General Abizaid, The MSM, And What It All Means

Tuesday of this week, Hugh Hewitt sat down to have a conversation with General Abizaid, Commander of CENTCOM to discuss the war. In his column this week Hugh makes a couple of seriously interesting points while highlighting that interview. Those points, sadly, are not being presented in the dinosaur media. Indeed, Hugh points out that the media's attention seems to be focused on peripheral issues that, while they may serve the interests of the few, they do not serve the needs of the many:

Mike Wallace was eager to bring us Mahmoud Ahmadinejad's worldview to American living rooms, but have any of the networks been as busy setting out before the public our military's view of the stakes of the conflict and the nature of the enemy?

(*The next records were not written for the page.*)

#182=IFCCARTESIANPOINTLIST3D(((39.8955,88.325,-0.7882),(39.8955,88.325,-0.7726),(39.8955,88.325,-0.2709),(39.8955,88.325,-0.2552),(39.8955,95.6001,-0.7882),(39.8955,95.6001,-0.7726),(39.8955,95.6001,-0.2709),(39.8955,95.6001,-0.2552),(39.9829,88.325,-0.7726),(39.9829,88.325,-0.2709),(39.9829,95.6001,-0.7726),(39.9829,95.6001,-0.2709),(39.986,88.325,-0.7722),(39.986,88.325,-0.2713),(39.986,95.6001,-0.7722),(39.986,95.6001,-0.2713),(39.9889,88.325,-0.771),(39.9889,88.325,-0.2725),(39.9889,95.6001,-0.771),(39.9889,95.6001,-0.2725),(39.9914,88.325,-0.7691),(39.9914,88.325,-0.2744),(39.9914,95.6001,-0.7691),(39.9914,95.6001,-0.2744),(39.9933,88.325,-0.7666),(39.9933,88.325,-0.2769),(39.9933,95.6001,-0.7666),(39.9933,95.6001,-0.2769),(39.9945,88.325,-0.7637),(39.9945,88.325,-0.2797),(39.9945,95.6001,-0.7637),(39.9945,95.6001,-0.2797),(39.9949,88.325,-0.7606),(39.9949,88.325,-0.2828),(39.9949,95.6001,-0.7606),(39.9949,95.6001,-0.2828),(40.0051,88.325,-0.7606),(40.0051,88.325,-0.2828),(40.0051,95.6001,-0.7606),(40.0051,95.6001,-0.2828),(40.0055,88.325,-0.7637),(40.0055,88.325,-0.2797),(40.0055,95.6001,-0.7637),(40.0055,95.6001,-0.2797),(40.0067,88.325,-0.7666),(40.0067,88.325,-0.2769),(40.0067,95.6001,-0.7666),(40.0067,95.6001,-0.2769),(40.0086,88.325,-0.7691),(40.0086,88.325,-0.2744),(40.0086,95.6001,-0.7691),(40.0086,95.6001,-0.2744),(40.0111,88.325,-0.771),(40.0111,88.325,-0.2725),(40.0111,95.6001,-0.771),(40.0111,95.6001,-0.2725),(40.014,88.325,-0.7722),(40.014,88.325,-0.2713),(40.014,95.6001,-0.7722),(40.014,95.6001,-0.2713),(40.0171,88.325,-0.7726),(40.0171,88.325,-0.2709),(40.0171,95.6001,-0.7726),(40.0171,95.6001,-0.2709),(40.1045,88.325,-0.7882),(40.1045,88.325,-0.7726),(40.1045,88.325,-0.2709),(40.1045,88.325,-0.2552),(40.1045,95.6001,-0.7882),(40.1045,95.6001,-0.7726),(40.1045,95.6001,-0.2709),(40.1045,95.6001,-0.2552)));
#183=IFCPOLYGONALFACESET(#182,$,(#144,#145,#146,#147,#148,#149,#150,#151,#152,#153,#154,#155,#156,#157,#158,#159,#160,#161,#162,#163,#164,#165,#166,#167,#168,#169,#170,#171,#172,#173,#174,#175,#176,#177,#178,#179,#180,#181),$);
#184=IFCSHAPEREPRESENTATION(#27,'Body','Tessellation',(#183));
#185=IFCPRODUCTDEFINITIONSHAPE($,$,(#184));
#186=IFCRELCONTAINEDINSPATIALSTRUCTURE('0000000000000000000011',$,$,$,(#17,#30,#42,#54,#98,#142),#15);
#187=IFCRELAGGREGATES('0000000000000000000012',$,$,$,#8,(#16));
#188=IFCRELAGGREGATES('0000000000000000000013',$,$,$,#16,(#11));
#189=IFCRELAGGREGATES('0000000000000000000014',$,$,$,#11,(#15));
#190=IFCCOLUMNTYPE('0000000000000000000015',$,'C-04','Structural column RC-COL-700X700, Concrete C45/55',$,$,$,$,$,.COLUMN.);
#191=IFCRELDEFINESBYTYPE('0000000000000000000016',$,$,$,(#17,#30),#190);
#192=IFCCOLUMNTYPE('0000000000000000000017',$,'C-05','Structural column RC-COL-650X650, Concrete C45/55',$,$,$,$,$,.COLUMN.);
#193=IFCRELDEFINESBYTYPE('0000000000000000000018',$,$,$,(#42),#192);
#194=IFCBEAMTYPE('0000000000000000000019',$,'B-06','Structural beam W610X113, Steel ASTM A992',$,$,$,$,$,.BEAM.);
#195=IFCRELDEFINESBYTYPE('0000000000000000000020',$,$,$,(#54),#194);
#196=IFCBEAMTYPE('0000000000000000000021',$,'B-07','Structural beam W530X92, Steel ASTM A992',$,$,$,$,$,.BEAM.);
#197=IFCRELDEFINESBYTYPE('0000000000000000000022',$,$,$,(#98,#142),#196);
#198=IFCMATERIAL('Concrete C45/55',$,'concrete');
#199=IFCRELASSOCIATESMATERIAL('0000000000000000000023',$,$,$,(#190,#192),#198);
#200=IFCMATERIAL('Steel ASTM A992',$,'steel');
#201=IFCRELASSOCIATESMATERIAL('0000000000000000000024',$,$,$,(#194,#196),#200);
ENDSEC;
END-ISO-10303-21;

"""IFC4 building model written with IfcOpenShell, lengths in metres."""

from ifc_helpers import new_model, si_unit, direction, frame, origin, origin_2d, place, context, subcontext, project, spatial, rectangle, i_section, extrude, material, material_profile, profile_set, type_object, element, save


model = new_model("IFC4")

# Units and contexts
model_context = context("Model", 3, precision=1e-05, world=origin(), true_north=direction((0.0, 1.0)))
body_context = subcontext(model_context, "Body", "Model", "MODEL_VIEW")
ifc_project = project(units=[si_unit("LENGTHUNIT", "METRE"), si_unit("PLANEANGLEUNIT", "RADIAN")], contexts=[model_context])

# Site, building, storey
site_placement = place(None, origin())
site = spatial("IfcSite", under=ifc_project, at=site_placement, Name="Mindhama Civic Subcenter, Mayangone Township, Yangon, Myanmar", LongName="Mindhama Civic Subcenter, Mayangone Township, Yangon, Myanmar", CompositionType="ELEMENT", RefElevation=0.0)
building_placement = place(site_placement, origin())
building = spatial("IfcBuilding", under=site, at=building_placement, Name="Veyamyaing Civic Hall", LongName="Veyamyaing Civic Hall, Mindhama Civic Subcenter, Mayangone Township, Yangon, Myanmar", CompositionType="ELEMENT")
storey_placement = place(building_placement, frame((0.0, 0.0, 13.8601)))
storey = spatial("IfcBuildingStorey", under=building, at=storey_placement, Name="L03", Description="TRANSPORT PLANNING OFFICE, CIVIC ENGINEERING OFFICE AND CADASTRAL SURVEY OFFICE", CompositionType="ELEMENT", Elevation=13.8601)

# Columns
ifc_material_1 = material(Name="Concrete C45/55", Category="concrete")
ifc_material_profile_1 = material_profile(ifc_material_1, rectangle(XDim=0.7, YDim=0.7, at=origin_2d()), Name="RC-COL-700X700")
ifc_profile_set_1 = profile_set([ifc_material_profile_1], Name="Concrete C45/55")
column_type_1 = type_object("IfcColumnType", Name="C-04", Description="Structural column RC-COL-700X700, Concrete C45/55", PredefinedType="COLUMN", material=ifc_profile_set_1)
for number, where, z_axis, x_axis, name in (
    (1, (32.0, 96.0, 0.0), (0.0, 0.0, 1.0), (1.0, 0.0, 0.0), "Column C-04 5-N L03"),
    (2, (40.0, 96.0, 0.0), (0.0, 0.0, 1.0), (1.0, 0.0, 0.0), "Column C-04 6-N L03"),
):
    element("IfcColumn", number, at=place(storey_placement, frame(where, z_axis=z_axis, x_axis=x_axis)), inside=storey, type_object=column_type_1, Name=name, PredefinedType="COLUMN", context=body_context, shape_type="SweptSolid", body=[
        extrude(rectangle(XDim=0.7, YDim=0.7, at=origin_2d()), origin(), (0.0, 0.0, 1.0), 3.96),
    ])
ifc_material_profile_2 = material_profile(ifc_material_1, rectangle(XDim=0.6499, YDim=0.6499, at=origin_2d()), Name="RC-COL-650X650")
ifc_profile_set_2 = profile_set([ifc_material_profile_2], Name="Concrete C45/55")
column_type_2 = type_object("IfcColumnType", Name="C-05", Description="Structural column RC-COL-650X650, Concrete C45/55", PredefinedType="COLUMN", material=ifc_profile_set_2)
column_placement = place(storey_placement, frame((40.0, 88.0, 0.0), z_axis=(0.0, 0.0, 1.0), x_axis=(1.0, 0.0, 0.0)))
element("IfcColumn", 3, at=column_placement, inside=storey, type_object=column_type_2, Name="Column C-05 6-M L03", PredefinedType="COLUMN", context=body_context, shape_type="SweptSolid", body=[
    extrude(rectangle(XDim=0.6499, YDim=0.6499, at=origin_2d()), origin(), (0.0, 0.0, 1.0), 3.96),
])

While I will grant some that the interview with Mahmoud Ahmadinejad might have seemed important, even telling at times, it was a propaganda piece nonetheless. Trotting out the formerly retired journalist to have a sit down with a lunatic, giving him air time to speak his peace was perhaps the most dimwitted idea from CBS since taking Dan Rather's word that the memos he was about to present were legit. Since that interview, Wallace has been rightly criticized by bloggers and pundits alike who recognized the dog-and-pony show on 60 Minutes that Sunday evening. But as Hugh quotes from the interview, even General Abizaid wishes the dinosaur media would focus on the matters at hand:

HH: General Abizaid, is the American media, and I understand fully your commitment to 1st Amendment freedom, as every member of the American military is always quick to say. But is the American media making your job easier or harder in securing stability, and in ending extremism in the region?

JA: Well, I don't know that I want to characterize what the American media is doing or not doing, other than to say it would be a huge help for everybody if we started talking about our enemies out here, what they stand for, what they want, what their vision of the world is, why they're dangerous, and how this is a worthy fight to fight at this level now, rather than letting it wait to get worse. And I think that's the unspoken story, it's the enemy.

General Abizaid is correct. Again, the media only wishes to discuss the periphery issues. They will thump their chest at how brave they are to report the death toll of United States soldiers in Iraq, the Abu Ghraib, media-driven, non-scandal, the unproven, unfounded allegations of abuse at Gitmo, and as we see now, a potential civil war in Iraq. But they will not discuss the achievements made in that nation. Nor will they discuss our enemies.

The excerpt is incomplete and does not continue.